Artificial intelligence (AI) and machine learning (ML) are driving breakthroughs in innovation, but Federal agencies struggle to keep up with the growth of data that these technologies produce. According to a MeriTalk study, 88 percent of Federal IT leaders are frustrated with their agency’s data management strategies.
Many agencies have used public cloud services to process and store their data but cost and accessibility are challenges for teams innovating with AI, especially when those technologies are working at edge locations.
Scott Beliveau, branch chief of Advanced Analytics at the United States Patent and Trademark Office (USPTO), recently shared it’s essential that Federal agencies have a data management strategy to leverage emerging technologies. “As innovation grows, data grows. So, we must have a data management strategy to leverage all that [incoming] data,” he said.

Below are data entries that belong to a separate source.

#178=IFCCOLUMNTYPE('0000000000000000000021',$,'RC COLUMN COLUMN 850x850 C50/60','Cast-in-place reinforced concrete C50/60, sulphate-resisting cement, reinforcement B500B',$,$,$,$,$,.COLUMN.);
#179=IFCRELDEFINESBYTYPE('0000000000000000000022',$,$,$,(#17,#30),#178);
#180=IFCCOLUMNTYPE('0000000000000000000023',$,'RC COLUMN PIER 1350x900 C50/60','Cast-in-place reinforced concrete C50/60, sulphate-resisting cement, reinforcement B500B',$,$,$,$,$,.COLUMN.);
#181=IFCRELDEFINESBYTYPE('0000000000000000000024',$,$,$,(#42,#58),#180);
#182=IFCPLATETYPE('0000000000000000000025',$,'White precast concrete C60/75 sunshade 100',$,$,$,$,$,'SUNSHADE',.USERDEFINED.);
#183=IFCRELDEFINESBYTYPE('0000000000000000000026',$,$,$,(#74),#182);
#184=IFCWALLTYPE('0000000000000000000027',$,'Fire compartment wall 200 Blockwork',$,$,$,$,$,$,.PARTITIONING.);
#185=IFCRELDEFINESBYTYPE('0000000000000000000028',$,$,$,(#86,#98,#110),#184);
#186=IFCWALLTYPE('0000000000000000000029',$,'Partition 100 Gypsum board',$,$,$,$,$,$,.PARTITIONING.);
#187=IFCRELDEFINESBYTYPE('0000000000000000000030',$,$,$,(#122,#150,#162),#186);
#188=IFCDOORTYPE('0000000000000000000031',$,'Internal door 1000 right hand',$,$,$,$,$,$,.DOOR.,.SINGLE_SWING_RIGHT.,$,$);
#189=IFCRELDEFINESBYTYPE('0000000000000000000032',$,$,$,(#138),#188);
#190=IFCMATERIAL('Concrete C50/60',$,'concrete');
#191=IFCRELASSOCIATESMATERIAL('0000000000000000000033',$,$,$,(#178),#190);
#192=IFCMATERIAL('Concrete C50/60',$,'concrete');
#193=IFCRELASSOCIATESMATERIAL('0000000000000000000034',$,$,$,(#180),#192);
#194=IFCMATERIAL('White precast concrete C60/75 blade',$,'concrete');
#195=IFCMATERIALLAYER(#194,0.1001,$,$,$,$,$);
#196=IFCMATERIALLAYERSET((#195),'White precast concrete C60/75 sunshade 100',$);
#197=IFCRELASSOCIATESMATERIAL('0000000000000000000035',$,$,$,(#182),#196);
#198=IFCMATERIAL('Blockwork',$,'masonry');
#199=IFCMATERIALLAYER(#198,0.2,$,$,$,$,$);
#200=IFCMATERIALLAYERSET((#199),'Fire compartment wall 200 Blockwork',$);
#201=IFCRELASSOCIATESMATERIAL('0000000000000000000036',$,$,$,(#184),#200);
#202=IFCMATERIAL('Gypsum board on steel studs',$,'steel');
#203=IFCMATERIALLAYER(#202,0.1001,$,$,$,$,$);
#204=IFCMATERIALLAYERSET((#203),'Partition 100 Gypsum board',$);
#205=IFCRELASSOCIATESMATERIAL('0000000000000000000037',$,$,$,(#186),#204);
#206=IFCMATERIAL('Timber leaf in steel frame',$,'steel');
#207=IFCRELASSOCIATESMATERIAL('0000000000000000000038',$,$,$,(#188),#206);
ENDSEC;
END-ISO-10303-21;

Where and how agencies store that data directly impacts management costs, efficiency, and ability to support the growing use of emerging technologies such as AI and ML. Teams must consider their mission and decide what solutions will provide the flexibility, security, and analytics they need to keep up.

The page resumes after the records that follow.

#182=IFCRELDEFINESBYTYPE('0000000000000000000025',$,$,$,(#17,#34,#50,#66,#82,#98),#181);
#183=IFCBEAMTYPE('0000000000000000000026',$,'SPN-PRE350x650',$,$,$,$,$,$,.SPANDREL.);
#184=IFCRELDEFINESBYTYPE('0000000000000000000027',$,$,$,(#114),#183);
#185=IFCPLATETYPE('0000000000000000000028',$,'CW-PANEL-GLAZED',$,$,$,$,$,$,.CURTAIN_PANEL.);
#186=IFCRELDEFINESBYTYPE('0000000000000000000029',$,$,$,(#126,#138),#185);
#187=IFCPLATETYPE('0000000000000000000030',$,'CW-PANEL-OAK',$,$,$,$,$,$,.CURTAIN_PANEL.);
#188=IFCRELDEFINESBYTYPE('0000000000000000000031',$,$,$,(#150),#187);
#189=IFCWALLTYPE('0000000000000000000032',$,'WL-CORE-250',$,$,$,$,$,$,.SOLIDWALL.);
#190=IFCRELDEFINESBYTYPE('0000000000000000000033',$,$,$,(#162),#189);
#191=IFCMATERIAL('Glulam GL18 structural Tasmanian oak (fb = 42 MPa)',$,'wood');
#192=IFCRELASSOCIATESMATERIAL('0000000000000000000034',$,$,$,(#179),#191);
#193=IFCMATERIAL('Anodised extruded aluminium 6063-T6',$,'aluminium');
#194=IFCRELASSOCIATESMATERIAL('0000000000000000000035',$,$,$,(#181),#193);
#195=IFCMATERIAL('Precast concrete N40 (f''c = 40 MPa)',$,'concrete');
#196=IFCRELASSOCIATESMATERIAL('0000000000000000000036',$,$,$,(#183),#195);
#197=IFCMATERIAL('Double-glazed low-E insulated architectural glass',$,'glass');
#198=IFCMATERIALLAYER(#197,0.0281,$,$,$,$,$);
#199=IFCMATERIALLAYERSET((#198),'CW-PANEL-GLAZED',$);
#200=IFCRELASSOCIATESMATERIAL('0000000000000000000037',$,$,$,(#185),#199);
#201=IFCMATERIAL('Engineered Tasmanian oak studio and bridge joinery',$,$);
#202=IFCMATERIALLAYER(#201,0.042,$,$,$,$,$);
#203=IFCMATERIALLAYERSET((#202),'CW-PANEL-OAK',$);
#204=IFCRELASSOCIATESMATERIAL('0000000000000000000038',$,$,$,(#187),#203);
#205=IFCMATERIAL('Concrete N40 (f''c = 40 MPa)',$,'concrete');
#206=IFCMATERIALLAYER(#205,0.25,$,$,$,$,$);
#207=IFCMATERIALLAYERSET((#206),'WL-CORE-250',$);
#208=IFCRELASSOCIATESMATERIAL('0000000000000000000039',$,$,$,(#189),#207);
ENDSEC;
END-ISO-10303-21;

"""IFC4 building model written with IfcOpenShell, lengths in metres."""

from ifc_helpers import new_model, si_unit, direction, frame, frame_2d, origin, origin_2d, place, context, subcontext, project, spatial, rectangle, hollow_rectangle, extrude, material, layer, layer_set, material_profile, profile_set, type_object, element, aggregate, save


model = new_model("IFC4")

Public Cloud Isn’t Cutting It
Public cloud services are a strong solution for data storage in urban, highly connected areas, and when agencies aren’t downloading massive volumes of data for analysis. However, Gartner reported that by 2022, more than 50 percent of enterprise-generated data will be created and processed outside the central data center or public cloud.

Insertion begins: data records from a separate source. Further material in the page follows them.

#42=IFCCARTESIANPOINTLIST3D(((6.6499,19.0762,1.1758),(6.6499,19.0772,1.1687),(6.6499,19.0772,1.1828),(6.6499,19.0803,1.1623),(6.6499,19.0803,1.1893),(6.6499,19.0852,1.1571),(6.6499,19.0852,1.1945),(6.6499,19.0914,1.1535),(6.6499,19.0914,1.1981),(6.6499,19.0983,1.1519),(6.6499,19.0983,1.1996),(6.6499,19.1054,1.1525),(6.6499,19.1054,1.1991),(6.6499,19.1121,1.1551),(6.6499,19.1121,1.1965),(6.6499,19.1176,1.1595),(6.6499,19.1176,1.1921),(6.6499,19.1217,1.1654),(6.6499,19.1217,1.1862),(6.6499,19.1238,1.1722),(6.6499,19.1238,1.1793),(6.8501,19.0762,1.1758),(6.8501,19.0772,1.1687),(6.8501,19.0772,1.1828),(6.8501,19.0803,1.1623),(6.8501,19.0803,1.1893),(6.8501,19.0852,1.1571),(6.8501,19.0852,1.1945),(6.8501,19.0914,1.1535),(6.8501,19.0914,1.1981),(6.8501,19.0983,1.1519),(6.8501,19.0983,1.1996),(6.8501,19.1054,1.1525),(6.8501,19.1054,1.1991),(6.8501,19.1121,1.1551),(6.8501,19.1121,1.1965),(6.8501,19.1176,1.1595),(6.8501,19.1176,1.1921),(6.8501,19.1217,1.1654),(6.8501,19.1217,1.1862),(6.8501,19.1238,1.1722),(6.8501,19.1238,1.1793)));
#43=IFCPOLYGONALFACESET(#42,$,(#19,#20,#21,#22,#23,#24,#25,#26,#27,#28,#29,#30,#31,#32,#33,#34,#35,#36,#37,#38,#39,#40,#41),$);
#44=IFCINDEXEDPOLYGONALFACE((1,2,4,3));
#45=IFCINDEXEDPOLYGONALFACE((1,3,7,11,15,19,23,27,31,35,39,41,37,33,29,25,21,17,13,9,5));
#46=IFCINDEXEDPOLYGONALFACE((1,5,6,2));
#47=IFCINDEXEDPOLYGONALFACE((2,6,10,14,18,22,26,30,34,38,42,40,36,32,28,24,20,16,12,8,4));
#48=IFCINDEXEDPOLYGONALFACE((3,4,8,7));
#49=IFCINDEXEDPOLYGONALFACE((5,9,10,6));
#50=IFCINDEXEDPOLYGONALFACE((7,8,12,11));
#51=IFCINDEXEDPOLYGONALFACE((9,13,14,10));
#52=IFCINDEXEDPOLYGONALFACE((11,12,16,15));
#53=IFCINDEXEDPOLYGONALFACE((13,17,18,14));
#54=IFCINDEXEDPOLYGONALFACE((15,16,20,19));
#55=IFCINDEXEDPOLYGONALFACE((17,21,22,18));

Data collection at the edge often occurs in remote areas, leading to latency when public cloud services are used to collect, access, and move data. Agencies may also be stymied by egress charges assessed when they download data for analysis, noted Mike Lamb, product manager of solution infrastructure at ViON Corp.
“Large egress charges that agencies incur when they pull data down from the public cloud contradict the effectiveness we expect from public clouds,” Lamb said in a recent interview with MeriTalk. “This leads to agencies feeling a lack of control when it comes to where and how they access their data.”
Agencies need an agile, scalable system to manage and access data from the edge to core to cloud – whenever and wherever they carry out their mission.
Object Storage Provides Fast Access to Data
“Agencies need to explore using modern technologies, such as object storage, to achieve the cloud-like convenience they’re looking for, closer to the source of the data, said Rob Renzoni, director of technical sales for the Americas at Quantum.
Object storage enables agencies to build a private cloud storage environment on-premises and unlock edge computing capabilities. With object storage, data and metadata are attached to one object, and a unique identifier is attached to it. Unstructured data can then be consolidated into a single storage area, a data lake, where teams can use APIs to make calls against their data. The ease of access makes this approach ideal for AI and ML, which require data that is readily available.
Renzoni pointed to 911 call centers as an example. “With the adoption of 5G, there’s going to be a tremendous increase in data that’s flowing into 911 call centers. A private cloud and object storage – with an AI/ML workflow analyzing the data – can provide actionable insights faster than one person or team ever could.”
Data Management Must Be Mission-Centric
As agencies look to adopt new data management and storage solutions, Renzoni and Lamb offer advice and urge leaders to keep their technology mission-centric and secure.
Do your homework. “When you are designing any architecture for a workflow, you really need to do your homework,” Renzoni advises. “The first thing to look at is ease of use. Secure, commercial-off-the-shelf products and services are readily available, so agencies shouldn’t need to invest in custom solutions. Not all solutions scale easily, he added. Agencies should ensure their technology capabilities can grow along with their needs.
Enable flexibility for different types of data. Cost and accessibility depend on how agencies are using their data, and flexibility is crucial. “Agencies need to make sure that their data is stored in the proper storage tier based on their needs – from active data that needs to be stored in a high-performance tier, down to inactive data that can be stored more cost effectively with object storage or a tape library,” Lamb says.
Prioritize data security. Data security must be inherent within data management solutions, whether through keyless encryption, object immutability, or system partitioning. “Some legacy technologies are also resurfacing,” Renzoni says. “For example, tape libraries are a truly air-gapped way to provide effective protection against ransomware and malware and to mitigate the damages of successful attacks.”
Start small and grow. As agencies increase their use of AI and ML, their needs may change. Lamb encourages teams to embrace this evolution. “Anticipating those changes is difficult, but it’s an important exercise. Leverage as-a-Service solutions to start small and grow as your needs change,” he says.